For much of the past three decades, the Islamic Republic’s inflammatory rhetoric and aggressive posture concealed the reality of its strategic loneliness. Iran is, after all, a Persian nation surrounded by Arab states were suspicious of its revolution and its proclaimed objectives. The Gulf sheikdoms arrayed themselves behind the American shield, Iraq sustained its animosity toward Iran long after the end of its war, and the incumbent Sunni republics maintained a steady belligerence. Iran nurtured its lethal Hezbollah protégé and aided Palestinian rejectionist groups but appeared hemmed in by the wall of Arab hostility. All this changed when Iraq was reclaimed by the Shias and the Arab Spring shook the foundations of the Sunni order. Today, the guardians of the Islamic Republic see a unique opportunity to project their power in a region beset by unpredictable transitions.
For the Supreme Leader Ali Khamenei Arab Spring means “a people have emerged who are not dependent on America.” Whatever confidence-building measures his diplomats might be negotiating in Europe, the Supreme Leader insists that Iran is “challenging the influence of America in the region and it is extending its own influence.” In Khamenei’s depiction, America is a crestfallen imperial state hastily retreating from the region. Today Tehran sees an America unable to impose a solution on a recalcitrant Middle East. Whatever compunctions Tehran may have had about American power greatly diminished with the spectacle over Syria where Washington’s redlines were erased with the same carelessness that they were initially drawn.
U.S. actions on non-proliferation strained relations with many allies, including the enterprising shah of Iran. It is a talking point of the Islamic Republic today that Washington looked the other way and even assisted the shah as he sought to develop a nuclear weapon capability. This claim has been accepted as a truism by many U.S. policymakers and analysts. But the historical record belies such assertions. The Ford and Carter administrations opposed the shah’s quest for completion of the fuel cycle and refused to give him access to sensitive nuclear technologies. Washington insisted that the shah, then head of a regime considered a reliable U.S. ally, forgo the capacity to either enrich uranium or reprocess plutonium.

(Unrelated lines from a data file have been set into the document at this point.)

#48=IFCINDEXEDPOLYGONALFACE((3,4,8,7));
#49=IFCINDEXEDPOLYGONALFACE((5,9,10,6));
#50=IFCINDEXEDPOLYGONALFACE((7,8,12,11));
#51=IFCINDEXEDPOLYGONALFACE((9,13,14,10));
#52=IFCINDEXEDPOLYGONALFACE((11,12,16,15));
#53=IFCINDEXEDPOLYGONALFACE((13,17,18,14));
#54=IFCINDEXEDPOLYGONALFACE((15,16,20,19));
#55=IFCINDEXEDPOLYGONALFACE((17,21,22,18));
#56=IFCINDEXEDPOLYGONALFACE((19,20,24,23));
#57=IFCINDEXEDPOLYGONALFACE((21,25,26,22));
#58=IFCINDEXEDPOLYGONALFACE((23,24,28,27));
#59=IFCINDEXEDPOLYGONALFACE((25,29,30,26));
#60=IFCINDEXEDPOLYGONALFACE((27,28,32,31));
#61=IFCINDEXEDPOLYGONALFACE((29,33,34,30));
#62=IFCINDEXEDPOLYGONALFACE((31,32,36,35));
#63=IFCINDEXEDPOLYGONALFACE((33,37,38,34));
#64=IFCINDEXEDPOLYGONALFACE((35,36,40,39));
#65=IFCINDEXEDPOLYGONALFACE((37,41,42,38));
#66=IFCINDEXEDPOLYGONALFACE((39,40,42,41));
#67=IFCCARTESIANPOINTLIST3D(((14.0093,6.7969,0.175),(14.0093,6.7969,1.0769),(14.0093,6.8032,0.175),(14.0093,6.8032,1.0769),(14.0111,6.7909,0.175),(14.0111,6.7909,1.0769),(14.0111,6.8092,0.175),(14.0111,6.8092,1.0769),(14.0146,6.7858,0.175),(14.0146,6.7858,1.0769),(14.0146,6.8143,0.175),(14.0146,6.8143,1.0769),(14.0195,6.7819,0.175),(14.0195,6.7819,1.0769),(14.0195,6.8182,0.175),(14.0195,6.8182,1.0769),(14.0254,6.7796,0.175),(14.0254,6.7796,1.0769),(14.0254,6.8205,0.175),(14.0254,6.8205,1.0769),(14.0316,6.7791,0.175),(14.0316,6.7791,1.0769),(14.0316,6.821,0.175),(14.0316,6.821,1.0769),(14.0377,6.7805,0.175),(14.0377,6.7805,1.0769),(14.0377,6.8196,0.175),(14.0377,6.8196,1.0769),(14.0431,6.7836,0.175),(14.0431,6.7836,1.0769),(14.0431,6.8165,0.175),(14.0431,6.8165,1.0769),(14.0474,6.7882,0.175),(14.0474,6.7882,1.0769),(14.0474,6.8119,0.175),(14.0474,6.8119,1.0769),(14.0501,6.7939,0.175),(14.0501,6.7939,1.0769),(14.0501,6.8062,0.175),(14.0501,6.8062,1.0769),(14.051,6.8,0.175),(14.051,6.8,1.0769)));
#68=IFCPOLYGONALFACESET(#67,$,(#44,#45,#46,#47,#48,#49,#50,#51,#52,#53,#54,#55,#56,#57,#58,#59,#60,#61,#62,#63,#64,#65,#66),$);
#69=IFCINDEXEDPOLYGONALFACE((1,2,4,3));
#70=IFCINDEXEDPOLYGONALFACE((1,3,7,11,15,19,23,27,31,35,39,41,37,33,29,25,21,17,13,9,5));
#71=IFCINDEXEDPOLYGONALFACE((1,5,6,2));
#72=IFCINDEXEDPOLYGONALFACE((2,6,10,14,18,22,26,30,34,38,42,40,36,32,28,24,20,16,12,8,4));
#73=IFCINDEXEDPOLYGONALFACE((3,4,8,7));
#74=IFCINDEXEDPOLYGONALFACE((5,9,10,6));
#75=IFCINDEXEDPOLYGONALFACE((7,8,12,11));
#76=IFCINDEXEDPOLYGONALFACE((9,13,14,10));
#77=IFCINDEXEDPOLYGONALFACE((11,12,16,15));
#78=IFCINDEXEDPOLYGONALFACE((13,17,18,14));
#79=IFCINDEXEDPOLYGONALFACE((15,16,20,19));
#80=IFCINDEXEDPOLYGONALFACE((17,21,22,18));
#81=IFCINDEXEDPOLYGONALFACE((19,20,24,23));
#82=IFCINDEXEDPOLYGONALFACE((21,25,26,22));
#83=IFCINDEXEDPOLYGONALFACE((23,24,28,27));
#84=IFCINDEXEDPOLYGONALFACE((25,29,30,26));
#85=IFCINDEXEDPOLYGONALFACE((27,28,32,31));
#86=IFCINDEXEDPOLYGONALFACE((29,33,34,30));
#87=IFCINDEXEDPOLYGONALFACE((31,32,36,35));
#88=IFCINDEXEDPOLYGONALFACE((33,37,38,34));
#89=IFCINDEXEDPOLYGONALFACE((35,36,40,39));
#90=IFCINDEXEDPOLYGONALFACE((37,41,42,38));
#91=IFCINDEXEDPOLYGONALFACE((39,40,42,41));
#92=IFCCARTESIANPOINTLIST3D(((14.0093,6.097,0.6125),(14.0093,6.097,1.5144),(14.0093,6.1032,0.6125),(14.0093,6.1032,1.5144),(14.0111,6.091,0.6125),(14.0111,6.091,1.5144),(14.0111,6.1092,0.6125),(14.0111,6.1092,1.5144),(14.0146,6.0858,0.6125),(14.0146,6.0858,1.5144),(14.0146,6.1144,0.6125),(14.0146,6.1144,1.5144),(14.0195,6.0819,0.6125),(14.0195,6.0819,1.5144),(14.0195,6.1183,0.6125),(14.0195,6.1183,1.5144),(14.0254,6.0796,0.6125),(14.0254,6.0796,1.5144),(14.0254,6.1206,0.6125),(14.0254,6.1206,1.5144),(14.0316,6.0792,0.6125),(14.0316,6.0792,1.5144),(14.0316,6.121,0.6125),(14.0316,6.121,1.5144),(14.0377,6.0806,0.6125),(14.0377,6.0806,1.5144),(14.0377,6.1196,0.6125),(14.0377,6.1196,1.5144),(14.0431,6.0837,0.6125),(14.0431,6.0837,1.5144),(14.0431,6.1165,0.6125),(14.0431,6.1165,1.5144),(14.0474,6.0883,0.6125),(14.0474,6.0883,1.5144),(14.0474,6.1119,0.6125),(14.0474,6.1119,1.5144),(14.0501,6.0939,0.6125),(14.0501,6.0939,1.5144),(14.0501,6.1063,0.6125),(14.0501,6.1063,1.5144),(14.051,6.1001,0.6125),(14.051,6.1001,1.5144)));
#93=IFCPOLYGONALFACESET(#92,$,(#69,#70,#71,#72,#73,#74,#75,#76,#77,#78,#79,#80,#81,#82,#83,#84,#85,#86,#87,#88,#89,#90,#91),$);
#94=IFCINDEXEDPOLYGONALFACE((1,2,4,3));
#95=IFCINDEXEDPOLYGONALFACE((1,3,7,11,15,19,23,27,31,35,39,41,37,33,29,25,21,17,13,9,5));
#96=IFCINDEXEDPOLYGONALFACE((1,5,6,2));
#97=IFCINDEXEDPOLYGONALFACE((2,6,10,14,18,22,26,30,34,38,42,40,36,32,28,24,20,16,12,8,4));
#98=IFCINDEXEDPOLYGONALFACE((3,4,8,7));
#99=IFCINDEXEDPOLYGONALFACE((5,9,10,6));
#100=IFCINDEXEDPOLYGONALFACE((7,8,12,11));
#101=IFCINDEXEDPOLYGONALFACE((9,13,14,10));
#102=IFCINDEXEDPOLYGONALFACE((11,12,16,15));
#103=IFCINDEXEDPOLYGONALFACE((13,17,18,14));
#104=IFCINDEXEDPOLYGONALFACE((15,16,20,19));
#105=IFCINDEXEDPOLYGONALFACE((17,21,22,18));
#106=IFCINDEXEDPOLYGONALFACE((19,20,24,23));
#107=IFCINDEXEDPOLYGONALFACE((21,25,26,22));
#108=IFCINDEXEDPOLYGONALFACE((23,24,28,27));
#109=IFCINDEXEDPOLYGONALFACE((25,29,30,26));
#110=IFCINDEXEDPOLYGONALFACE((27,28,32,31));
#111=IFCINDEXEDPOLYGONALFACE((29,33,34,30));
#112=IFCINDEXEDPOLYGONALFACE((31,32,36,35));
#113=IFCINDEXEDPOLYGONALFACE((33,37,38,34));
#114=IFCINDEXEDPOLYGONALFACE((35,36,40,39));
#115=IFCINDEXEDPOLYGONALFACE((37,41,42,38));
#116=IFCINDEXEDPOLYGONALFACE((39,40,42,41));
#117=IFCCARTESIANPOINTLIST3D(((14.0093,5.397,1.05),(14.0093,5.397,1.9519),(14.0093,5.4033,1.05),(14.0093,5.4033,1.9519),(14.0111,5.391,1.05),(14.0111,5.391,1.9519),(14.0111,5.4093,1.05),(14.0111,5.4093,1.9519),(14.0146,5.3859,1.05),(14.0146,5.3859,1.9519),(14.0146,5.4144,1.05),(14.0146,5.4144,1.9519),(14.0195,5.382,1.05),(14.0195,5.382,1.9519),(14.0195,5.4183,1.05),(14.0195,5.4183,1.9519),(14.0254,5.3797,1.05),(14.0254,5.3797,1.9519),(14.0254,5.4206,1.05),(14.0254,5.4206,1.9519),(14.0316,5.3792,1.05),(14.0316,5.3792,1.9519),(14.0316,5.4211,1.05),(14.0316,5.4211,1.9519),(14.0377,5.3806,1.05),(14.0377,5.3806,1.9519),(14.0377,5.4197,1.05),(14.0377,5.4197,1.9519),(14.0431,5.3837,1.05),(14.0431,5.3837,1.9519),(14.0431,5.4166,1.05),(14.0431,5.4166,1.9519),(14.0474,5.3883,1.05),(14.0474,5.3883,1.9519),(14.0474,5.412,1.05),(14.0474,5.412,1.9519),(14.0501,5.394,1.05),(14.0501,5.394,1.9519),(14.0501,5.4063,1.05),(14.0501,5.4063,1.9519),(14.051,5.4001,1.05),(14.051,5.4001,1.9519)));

To be sure there were failure along the way as India, Pakistan and North Korea defied the United States and built their own bombs. But Washington did not facilitate their programs and, in each instance, tried to derail their efforts. The positon of the United States remained that the Nuclear Non-Proliferation Treaty does not give any state the right to enrich and that the most suitable path to a civilian nuclear program is to forgo that option.
Today, by contrast, the U.S. appears poised to concede to an adversarial regime not only an enrichment capacity but also one that is likely to be industrialized after the expiration of a sunset clause. This would have been like Washington aiding the Soviets in constructing the bomb in the 1940s or helping China in the 1960s. There is no dispute between the Obama White House and its critics that Iran is a revolutionary regime seeking to expand its influence in the Middle East. Tehran’s destabilizing regional activities come at the detriment of the United States and its allies. The baffling part of all this is that Washington is seeking to conclude an agreement that envisions this radical regime gaining access to a sophisticated nuclear infrastructure that will not permanently be limited to peaceful exploitation of atomic power.